Blog Post

Nvidia stakes its claim in deep learning by making its GPUs easier to program

GPU maker Nvidia has been riding a wave of renewed relevancy lately as the popularity of deep learning continues to grow. Over the weekend, the company tried to capitalize even more on the craze by releasing a set of libraries called cuDNN that can be integrated directly into popular deep learning frameworks. Nvidia promises cuDNN will help users focus more on building deep neural networks and less on optimizing the performance of their hardware.

Deep learning has become very popular among large web companies, researchers and even numerous startups as a way to improve current artificial intelligence capabilities, specifically in fields such as computer vision, text analysis and speech recognition. Many of the popular approaches — especially in computer vision — run on graphics processing units (GPUs), each of which can contains thousands of cores, in order to speed up the compute-intensive algorithms without requiring racks full of standard CPUs.

Nvidia said cuDNN, which is based on the company’s CUDA parallel-programming language, can be integrated into several deep learning frameworks in a way that’s invisible to people building the models. An Nvidia spokesperson responded to my request for more information with the following explanation:

“We worked closely with the major machine learning frameworks, like Caffe, Theano and Torch7, to ensure they could quickly and seamlessly take advantage of the power of the GPU while leaving room for further innovation. For instance, the cuDNN integration in Caffe is invisible to the end-user, requiring a simple configuration change to enable this performance. These are the key elements of the “drop-in” design.

“On a more technical level, cuDNN is a low level library that can be called from host-code without writing any CUDA code, much like our existing CUDA cuBLAS and cuFFT libraries. With cuDNN, we’re doing the work of optimizing the low-level routines used in these deep learning systems (e.g., convolutions) so that the people developing those systems need not spend their time doing so. Instead, they can focus their attention on the higher-level machine learning questions and advance the state of the art, while relying on us to make their code run faster with GPU accelerators.”

Credit: Nvidia
Credit: Nvidia

Nvidia is smart to embrace deep learning and machine learning, generally, as an avenue for future growth and a way to accomplish its longstanding goal of seeing GPUs used more widely for purposes other than rendering computer graphics. They have already been widely adopted among supercomputer architects, who often load up systems with GPUs in order to offload particular tasks that will run faster on GPUs than on CPUs.

However, a few factors might ultimately dampen the excitement over GPUs in the long run. One is the emergence of alternative architectures, such as those by IBM and a startup called Nervana Systems, built specifically to handle neural networks and deep learning workloads. Another is the possibility that existing processor architectures, including CPUs and FPGAs, will prove perfectly fine — if not better, in some cases — for running deep learning models.

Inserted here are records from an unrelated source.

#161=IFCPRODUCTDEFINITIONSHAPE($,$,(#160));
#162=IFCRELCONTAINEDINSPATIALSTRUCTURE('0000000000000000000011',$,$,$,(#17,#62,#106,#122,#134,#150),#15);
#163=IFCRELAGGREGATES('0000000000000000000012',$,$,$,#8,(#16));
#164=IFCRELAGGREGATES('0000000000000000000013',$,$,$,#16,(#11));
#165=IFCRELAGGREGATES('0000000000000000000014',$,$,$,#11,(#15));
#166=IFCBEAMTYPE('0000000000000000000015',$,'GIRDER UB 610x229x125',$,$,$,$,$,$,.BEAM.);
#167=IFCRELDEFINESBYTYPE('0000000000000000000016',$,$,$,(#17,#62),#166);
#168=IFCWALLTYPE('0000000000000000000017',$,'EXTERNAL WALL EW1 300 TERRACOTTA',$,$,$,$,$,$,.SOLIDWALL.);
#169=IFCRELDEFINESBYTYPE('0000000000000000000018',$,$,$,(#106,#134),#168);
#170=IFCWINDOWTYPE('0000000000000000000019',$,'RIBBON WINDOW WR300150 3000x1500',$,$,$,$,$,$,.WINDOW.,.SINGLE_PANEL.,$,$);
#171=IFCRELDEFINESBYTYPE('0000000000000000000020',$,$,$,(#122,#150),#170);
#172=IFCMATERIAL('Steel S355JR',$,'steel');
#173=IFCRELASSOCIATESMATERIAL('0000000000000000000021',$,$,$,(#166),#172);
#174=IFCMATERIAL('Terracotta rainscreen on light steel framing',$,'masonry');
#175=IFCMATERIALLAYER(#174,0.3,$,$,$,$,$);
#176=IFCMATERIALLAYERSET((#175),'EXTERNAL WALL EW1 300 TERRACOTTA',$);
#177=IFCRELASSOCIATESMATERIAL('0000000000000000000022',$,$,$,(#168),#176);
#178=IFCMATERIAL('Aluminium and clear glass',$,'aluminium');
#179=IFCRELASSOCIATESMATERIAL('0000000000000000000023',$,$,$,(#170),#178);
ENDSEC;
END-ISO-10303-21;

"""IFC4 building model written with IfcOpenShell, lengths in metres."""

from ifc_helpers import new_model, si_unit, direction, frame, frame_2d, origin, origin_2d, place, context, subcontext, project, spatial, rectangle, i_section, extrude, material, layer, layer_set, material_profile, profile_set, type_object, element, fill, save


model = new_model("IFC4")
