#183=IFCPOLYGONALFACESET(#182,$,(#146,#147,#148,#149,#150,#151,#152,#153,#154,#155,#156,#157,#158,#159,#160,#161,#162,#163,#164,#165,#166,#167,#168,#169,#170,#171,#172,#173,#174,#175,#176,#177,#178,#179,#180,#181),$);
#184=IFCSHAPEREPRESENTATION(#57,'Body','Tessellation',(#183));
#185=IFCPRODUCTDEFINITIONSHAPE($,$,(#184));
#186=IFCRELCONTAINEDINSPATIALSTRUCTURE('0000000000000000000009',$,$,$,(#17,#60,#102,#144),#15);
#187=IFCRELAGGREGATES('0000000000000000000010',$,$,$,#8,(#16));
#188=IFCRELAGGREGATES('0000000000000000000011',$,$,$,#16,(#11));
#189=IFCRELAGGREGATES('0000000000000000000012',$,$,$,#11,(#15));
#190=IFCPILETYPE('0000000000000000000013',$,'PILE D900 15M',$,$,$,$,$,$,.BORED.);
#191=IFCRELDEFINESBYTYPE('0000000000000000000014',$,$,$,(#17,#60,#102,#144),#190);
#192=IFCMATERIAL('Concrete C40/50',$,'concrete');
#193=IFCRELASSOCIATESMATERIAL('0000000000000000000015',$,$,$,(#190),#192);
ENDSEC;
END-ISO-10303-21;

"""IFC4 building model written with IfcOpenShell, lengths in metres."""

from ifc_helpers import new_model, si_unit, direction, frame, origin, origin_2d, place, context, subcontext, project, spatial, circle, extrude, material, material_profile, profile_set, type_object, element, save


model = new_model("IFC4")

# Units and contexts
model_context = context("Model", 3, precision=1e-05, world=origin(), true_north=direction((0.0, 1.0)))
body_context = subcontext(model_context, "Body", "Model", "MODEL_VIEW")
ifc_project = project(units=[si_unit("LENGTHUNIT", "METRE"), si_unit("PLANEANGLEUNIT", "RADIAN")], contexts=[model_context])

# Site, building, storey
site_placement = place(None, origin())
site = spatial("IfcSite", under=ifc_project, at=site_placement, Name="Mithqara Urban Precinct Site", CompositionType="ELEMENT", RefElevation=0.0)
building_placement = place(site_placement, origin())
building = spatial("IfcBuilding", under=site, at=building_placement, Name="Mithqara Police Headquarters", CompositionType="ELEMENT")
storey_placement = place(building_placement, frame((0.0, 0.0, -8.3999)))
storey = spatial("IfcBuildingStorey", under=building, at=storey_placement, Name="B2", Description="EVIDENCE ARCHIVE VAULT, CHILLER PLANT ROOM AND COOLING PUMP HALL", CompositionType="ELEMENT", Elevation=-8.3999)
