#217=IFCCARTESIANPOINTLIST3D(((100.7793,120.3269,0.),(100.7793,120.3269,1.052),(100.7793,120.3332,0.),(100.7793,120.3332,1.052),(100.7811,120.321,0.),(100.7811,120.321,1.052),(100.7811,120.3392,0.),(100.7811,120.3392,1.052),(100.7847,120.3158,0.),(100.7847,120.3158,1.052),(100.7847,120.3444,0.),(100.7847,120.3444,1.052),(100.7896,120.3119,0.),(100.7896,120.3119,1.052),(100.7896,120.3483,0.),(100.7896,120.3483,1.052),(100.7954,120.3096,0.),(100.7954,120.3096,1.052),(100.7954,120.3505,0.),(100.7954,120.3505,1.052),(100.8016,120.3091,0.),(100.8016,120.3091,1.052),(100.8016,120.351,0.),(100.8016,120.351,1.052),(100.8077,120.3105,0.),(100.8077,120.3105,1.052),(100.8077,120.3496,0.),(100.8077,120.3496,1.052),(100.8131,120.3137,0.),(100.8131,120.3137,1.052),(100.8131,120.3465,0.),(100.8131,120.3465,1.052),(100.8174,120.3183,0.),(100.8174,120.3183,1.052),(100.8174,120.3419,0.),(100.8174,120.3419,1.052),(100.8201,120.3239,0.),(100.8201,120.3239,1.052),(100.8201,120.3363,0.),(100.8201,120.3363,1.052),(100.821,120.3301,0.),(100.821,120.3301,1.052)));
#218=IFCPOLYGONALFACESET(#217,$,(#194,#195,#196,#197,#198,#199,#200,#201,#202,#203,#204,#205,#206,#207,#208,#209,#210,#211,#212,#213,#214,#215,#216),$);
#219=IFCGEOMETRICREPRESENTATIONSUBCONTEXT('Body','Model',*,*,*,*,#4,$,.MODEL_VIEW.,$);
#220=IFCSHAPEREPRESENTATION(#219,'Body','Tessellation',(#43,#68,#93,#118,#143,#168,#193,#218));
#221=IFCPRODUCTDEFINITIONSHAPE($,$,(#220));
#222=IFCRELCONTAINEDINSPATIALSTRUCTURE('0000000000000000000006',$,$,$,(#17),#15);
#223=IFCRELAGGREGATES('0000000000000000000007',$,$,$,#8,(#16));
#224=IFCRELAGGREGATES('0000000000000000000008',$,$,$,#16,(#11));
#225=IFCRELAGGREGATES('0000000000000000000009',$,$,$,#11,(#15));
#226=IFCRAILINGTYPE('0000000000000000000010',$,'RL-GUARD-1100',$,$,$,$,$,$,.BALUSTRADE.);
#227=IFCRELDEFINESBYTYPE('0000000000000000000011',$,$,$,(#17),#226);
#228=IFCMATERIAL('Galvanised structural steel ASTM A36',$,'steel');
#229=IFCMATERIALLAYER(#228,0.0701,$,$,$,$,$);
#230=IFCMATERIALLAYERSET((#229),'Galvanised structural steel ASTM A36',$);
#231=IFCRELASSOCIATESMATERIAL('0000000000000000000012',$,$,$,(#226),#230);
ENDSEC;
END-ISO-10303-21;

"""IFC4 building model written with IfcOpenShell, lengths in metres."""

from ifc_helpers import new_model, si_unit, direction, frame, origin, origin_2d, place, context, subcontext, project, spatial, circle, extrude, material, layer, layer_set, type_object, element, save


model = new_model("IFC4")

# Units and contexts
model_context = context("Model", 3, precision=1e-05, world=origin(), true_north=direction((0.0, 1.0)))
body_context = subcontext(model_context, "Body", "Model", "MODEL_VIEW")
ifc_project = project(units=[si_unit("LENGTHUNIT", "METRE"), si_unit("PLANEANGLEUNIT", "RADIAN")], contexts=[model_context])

And, finally, there’s the possibility that deep learning, at least at a fundamental level, will never reach mainstream proportions. Even if the algorithms do become ubiquitous in consumers’ lives, it’s conceivable many developers incorporating them into apps will be doing so via API or some other abstraction rather than building deep learning systems themselves. It’s called cloud computing.

Any spike in orders from cloud providers would certainly be good for Nvidia’s bottom line, but we’ve moved well past the glory days of a dedicated Intel processor for every application under the sun.